Altern Ther Health Med. 2021 Mar;27(2):58-64.
Coronary heart disease (CHD) refers to a disease where coronary atherosclerosis induces stenosis or obstruction of the blood vessels. Endothelial progenitor cells (EPCs) function to protect and repair the vascular endothelium, and their functional activity state reflects the ability of the body to repair vascular damage. In the peripheral blood of patients with CHD, the density of EPCs decreases, and the function of EPCs is low.
This study aimed to investigate the effects of a China Food and Drug Administration (CFDA)-approved prescription medicine, Tongxin, on the density and function of endothelial progenitor cells (EPCs) in peripheral blood.
In this study, a randomized, single blind, parallel controlled clinical trial was used. The single blind subjects were subjects.
The study took place in the Cardiology and Emergency Departments at Shanghai Municipal Hospital of Traditional Chinese Medicine in Shanghai, China.
Participants were 48 patients with coronary heart disease at the hospital.

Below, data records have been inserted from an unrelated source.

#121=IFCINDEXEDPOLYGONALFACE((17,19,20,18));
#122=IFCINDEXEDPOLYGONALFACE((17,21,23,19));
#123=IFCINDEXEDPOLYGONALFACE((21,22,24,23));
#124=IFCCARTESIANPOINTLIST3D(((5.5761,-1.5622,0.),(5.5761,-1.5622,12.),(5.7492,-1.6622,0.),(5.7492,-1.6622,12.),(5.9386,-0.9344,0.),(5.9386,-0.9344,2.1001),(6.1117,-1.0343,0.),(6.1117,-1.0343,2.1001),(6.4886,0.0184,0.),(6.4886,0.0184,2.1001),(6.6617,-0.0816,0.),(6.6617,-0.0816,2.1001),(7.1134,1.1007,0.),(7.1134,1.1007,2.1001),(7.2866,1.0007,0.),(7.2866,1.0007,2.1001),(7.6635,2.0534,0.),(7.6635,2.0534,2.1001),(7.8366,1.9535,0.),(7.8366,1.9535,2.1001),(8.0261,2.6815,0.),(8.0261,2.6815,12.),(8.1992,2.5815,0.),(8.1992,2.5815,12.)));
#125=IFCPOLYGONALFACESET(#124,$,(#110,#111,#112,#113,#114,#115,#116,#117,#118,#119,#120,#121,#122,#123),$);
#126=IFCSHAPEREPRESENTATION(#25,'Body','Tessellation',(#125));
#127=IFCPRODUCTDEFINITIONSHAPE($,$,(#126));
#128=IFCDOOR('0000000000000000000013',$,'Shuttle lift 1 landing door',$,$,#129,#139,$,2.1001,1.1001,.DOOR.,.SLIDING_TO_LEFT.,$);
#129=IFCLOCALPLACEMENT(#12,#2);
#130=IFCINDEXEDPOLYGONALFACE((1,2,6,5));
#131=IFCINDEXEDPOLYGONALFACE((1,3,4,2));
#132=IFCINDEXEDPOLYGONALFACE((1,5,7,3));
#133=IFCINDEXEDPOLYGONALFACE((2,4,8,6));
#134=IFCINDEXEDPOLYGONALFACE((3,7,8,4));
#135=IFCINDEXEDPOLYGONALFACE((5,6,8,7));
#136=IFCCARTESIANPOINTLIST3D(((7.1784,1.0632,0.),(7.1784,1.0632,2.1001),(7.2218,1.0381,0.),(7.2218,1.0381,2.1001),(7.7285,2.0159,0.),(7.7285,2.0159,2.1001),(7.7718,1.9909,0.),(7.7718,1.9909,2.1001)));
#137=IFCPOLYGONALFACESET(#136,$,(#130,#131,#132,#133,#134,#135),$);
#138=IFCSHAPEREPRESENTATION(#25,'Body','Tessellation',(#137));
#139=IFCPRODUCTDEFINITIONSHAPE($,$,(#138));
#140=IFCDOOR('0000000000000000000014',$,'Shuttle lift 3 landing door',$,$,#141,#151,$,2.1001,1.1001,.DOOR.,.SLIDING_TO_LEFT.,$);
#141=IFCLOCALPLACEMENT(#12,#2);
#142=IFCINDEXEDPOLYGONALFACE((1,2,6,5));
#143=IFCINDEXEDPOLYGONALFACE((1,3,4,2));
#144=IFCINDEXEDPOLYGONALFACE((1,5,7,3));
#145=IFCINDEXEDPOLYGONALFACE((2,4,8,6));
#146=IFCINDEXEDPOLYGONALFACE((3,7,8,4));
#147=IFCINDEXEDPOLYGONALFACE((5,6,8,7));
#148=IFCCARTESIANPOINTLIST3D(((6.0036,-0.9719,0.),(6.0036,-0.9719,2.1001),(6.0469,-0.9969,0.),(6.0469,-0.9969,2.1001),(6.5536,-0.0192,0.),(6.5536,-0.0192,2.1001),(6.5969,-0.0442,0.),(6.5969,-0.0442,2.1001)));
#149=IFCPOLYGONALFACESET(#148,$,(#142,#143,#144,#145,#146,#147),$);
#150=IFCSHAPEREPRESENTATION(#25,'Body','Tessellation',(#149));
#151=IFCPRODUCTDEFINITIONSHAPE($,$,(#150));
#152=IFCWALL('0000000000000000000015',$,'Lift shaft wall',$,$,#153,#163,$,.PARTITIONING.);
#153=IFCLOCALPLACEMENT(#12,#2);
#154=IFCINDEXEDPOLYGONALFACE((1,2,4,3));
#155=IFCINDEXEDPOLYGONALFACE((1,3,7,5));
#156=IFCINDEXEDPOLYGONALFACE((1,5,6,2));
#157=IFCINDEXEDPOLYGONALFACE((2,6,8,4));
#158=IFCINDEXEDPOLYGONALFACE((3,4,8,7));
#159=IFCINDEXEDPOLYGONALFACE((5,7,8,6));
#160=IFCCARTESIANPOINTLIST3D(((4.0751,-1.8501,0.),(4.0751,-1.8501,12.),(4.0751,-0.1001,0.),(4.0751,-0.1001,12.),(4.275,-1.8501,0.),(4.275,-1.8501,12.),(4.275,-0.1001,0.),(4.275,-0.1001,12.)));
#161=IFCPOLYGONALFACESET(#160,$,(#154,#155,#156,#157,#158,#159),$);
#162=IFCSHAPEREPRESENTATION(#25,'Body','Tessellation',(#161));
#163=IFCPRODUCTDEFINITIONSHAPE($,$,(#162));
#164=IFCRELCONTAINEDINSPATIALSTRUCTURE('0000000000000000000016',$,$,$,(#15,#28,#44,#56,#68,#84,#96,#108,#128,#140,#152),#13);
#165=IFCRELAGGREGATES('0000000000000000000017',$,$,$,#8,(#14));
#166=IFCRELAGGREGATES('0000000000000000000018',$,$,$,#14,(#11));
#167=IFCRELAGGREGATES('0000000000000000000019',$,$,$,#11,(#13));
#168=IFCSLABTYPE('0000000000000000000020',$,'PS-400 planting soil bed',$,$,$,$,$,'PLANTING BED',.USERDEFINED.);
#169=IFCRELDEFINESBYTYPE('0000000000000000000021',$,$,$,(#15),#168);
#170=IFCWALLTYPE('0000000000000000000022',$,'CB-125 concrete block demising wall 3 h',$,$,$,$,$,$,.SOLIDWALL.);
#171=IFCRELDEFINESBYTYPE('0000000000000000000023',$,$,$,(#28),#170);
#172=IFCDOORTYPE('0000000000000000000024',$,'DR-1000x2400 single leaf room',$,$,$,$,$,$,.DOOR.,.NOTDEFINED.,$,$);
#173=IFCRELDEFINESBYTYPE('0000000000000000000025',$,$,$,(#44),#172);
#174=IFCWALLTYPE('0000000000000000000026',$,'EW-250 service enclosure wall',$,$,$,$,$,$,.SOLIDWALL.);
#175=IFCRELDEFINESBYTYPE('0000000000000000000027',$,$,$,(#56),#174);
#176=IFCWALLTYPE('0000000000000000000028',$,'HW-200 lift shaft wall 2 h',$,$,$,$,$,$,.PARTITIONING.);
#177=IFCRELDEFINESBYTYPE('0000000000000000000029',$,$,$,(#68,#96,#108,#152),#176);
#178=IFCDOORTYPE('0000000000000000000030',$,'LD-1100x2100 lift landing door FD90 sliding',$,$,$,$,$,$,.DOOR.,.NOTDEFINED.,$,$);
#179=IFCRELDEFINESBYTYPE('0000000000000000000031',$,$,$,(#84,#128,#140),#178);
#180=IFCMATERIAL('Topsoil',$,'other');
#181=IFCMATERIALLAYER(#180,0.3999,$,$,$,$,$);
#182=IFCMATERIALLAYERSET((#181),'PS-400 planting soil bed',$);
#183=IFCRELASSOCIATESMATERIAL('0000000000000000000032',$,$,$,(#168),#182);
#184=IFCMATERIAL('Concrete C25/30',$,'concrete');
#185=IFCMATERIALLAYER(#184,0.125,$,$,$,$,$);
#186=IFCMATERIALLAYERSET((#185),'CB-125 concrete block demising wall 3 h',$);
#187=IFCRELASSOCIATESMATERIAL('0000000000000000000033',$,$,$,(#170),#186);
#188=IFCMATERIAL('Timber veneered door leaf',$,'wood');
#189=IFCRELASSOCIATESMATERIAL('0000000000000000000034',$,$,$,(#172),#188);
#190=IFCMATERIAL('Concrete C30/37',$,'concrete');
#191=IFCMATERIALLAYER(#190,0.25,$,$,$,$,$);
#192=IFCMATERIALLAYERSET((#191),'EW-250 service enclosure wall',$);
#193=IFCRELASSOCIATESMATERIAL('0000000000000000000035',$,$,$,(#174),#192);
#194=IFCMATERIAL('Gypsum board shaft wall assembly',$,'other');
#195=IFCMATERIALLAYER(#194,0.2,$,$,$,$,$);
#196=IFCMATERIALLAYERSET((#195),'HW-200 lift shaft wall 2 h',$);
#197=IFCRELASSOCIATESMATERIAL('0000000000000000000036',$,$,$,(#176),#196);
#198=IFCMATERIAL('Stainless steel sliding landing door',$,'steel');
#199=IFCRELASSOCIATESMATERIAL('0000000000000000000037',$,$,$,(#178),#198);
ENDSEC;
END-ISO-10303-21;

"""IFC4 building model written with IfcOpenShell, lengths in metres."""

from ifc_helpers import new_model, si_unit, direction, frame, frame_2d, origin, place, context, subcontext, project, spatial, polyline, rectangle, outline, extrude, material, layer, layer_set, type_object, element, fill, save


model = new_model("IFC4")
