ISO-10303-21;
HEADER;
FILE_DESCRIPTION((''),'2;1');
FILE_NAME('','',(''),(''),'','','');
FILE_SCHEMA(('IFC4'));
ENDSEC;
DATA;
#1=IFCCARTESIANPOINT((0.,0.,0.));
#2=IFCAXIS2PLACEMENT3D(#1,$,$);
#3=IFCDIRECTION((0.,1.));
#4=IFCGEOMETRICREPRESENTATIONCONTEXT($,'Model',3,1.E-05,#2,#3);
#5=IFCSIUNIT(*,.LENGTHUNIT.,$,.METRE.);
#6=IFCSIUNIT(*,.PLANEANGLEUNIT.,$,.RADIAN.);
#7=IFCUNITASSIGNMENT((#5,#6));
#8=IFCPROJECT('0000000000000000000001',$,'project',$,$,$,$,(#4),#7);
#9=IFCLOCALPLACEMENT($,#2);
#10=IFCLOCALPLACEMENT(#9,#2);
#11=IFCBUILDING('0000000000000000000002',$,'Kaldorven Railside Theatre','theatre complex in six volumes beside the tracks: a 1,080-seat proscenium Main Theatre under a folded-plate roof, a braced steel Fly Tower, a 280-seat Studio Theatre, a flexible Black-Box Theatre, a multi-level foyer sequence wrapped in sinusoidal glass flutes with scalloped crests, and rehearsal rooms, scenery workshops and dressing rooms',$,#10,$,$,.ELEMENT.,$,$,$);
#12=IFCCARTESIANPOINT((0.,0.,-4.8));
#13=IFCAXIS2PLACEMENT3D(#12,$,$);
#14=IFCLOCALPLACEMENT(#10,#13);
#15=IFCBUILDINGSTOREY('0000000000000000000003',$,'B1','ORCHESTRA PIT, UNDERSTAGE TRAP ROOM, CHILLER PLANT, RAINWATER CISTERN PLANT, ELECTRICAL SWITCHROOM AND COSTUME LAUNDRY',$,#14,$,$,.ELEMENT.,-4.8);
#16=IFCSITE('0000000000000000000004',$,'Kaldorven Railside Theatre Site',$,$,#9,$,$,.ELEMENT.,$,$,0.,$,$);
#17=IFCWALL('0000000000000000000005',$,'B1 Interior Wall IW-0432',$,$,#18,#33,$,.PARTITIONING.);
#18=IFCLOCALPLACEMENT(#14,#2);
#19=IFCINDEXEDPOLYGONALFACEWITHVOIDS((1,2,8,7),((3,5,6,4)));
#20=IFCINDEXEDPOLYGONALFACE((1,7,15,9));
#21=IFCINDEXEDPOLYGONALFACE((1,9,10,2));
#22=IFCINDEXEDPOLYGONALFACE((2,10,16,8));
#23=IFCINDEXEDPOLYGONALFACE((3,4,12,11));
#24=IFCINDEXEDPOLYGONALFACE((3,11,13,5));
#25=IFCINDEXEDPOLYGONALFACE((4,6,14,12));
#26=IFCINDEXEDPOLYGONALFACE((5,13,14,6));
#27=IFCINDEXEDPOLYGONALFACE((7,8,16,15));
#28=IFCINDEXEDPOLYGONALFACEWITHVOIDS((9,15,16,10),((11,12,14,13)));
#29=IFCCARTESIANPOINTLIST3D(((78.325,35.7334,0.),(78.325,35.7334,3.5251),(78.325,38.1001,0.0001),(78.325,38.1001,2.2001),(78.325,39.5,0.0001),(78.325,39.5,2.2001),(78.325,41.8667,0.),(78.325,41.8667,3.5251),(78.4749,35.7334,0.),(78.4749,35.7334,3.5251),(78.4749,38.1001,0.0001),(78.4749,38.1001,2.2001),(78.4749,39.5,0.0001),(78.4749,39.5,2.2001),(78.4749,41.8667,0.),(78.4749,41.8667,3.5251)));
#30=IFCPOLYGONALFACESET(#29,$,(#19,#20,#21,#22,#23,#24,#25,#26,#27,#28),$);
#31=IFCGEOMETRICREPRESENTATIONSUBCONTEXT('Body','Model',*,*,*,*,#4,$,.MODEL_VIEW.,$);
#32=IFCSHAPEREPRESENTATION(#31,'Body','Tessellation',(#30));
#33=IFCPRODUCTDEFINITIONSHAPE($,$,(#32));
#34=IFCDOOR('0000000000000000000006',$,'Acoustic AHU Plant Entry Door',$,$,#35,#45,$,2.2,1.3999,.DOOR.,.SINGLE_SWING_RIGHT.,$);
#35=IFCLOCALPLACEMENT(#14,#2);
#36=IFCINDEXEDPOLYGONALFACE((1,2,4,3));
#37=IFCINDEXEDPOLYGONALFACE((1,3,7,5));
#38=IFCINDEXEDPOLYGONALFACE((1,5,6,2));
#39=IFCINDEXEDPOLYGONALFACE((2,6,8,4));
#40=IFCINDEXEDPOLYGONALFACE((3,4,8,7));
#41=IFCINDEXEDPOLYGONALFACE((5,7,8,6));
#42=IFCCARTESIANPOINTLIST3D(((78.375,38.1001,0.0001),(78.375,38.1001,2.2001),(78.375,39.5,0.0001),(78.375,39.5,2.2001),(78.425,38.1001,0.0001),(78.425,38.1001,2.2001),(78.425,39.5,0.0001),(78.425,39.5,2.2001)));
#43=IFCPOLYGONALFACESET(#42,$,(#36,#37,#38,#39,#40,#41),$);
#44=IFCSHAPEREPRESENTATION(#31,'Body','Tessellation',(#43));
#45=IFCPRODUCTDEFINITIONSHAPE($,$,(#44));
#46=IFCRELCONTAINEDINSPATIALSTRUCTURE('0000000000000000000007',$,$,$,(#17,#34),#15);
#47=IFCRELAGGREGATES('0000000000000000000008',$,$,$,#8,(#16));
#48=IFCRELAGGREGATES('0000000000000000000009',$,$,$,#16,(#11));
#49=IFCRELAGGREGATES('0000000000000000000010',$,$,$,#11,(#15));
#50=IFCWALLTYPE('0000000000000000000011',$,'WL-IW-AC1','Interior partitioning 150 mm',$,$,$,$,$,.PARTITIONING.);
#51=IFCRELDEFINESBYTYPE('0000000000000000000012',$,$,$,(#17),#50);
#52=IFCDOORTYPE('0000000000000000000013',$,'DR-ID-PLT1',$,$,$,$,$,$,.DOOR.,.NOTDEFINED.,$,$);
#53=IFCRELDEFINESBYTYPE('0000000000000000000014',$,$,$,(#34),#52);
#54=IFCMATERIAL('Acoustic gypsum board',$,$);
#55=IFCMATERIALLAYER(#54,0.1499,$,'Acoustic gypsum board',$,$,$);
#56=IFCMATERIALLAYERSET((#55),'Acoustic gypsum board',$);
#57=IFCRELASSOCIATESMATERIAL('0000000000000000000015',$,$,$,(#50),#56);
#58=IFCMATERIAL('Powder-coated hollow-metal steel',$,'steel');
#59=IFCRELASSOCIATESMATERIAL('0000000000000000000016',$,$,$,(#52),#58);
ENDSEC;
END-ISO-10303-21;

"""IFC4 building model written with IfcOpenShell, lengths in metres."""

from ifc_helpers import new_model, si_unit, direction, frame, frame_2d, origin, place, context, subcontext, project, spatial, rectangle, extrude, material, layer, layer_set, type_object, element, fill, save


model = new_model("IFC4")

# Units and contexts
model_context = context("Model", 3, precision=1e-05, world=origin(), true_north=direction((0.0, 1.0)))
body_context = subcontext(model_context, "Body", "Model", "MODEL_VIEW")
ifc_project = project(units=[si_unit("LENGTHUNIT", "METRE"), si_unit("PLANEANGLEUNIT", "RADIAN")], contexts=[model_context])

# Site, building, storey
site_placement = place(None, origin())
site = spatial("IfcSite", under=ifc_project, at=site_placement, Name="Kaldorven Railside Theatre Site", CompositionType="ELEMENT", RefElevation=0.0)
building_placement = place(site_placement, origin())
building = spatial("IfcBuilding", under=site, at=building_placement, Name="Kaldorven Railside Theatre", Description="theatre complex in six volumes beside the tracks: a 1,080-seat proscenium Main Theatre under a folded-plate roof, a braced steel Fly Tower, a 280-seat Studio Theatre, a flexible Black-Box Theatre, a multi-level foyer sequence wrapped in sinusoidal glass flutes with scalloped crests, and rehearsal rooms, scenery workshops and dressing rooms", CompositionType="ELEMENT")
storey_placement = place(building_placement, frame((0.0, 0.0, -4.8)))
storey = spatial("IfcBuildingStorey", under=building, at=storey_placement, Name="B1", Description="ORCHESTRA PIT, UNDERSTAGE TRAP ROOM, CHILLER PLANT, RAINWATER CISTERN PLANT, ELECTRICAL SWITCHROOM AND COSTUME LAUNDRY", CompositionType="ELEMENT", Elevation=-4.8)

# Shared definitions
ifc_material_1 = material(Name="Acoustic gypsum board")
ifc_layer = layer(ifc_material_1, 0.1499, Name="Acoustic gypsum board")
ifc_layer_set = layer_set([ifc_layer], Name="Acoustic gypsum board")
wall_type = type_object("IfcWallType", Name="WL-IW-AC1", Description="Interior partitioning 150 mm", PredefinedType="PARTITIONING", material=ifc_layer_set)

# Wall, opening, door
wall_1_placement = place(storey_placement, frame((78.3999, 35.7334, 0.0), z_axis=(0.0, 0.0, 1.0), x_axis=(0.0, 1.0, 0.0)))
wall_1 = element("IfcWall", 1, at=wall_1_placement, inside=storey, type_object=wall_type, Name="B1 Interior Wall IW-0432", PredefinedType="PARTITIONING", context=body_context, shape_type="SweptSolid", body=[
    extrude(rectangle(XDim=6.1333, YDim=0.1499, at=frame_2d((3.0667, 0.0))), origin(), (0.0, 0.0, 1.0), 3.5251),
])
opening_placement = place(wall_1_placement, frame((2.3667, 0.0, 0.0)))
opening = element("IfcOpeningElement", 2, at=opening_placement, cuts=wall_1, PredefinedType="OPENING", context=body_context, shape_type="SweptSolid", body=[
    extrude(rectangle(XDim=1.3999, YDim=2.2, at=frame_2d((0.7, 1.1001))), frame((0.0, 0.085, 0.0), z_axis=(0.0, -1.0, 0.0), x_axis=(1.0, 0.0, 0.0)), (0.0, 0.0, 1.0), 0.1699),
])
ifc_material_2 = material(Name="Powder-coated hollow-metal steel", Category="steel")
door_type = type_object("IfcDoorType", Name="DR-ID-PLT1", OperationType="NOTDEFINED", PredefinedType="DOOR", material=ifc_material_2)
door_placement = place(opening_placement, origin())
door = element("IfcDoor", 3, at=door_placement, inside=storey, type_object=door_type, Name="Acoustic AHU Plant Entry Door", OperationType="SINGLE_SWING_RIGHT", OverallHeight=2.2, OverallWidth=1.3999, PredefinedType="DOOR", context=body_context, shape_type="SweptSolid", body=[
    extrude(rectangle(XDim=1.3999, YDim=2.2, at=frame_2d((0.7, 1.1001))), frame((0.0, 0.0249, 0.0), z_axis=(0.0, -1.0, 0.0), x_axis=(1.0, 0.0, 0.0)), (0.0, 0.0, 1.0), 0.05),
])
fill(opening, door)

save(model, "model.ifc")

Participants were randomly divided into 2 groups (n = 24 each): a control group and an intervention group. Both groups received routine drug treatments, such as platelet inhibitors, nitrates, β-receptor blockers, statins, angiotensin-converting-enzyme (ACE) inhibitors, angiotensin II receptor antagonists (ARBs), and calcium blockers. The control group was treated with the Shexiang Baoxin Pill, while the intervention group was treated with prescription Tongxin. The course of treatment was 3 months for both groups.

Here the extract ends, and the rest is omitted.